Я пнула Мефистофеля под столом. Поняв, что увлекся, мужчина невнятно оборвал фразу и приготовился слушать дальше. На щеках Юстас вновь появились красные пятна: на этот раз девушка была довольна двойным комплиментом.

– С алых губ феи сорвался возглас удивления…

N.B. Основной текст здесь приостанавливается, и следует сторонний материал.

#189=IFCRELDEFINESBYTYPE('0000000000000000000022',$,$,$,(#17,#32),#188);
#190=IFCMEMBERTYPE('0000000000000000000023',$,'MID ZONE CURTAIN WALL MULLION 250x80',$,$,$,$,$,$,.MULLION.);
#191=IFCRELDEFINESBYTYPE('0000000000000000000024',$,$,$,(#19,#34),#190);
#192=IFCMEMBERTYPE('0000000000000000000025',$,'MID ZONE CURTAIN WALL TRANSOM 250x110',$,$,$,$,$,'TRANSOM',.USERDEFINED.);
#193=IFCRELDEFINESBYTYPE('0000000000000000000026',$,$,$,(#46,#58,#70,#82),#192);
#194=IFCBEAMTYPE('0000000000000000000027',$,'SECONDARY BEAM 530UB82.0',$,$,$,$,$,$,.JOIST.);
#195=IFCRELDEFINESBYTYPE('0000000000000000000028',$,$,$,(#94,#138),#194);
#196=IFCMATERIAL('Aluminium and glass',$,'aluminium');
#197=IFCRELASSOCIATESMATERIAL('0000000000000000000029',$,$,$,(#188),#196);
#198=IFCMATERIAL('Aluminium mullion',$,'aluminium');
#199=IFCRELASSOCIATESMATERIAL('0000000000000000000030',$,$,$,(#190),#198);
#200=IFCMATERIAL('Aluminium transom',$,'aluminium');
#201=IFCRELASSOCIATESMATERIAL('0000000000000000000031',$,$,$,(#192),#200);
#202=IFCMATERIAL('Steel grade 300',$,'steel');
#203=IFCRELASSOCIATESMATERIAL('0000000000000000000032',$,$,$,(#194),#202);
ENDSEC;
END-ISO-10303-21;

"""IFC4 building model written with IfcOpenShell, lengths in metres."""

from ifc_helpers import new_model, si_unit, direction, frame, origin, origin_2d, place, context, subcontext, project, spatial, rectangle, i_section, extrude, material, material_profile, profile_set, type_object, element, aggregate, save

Помнила я этот возглас. Раньше мне казалось, что хрупкая дочка главного начальника нашего отделения ФБД знать таких слов не должна. Возможно, потому что я сама раньше их не слышала, а если бы и слышала, мне бы в голову не пришло сочетать их подобным образом. Сам Барков мог бы позавидовать фантазии разведчицы.

– Я почувствовал, как мое сердцебиение усилилось, вероятно, мои зрачки сужались и расширялись, все мы помним, это один из признаков выброса адреналина… Героически заслонив леди Ю своим телом, я склонился над потерпевшим. Мне никогда не доводилось видеть подобного ранее. В ту секунду я искренне жалел, что вырос атеистом и не имел права молиться кому-либо. Тысячи предсказаний скорого конца света, инопланетных пришельцев и мутантов в моей голове…

– Пытается нагнетать, – шепнул мне Мефистофель. – Безуспешно.

– Ты слишком строг, – укорила я. – Кузьма читает без выражения.

Домовой кашлянул, напоминая о своем присутствии. Мы поняли намек и замолчали.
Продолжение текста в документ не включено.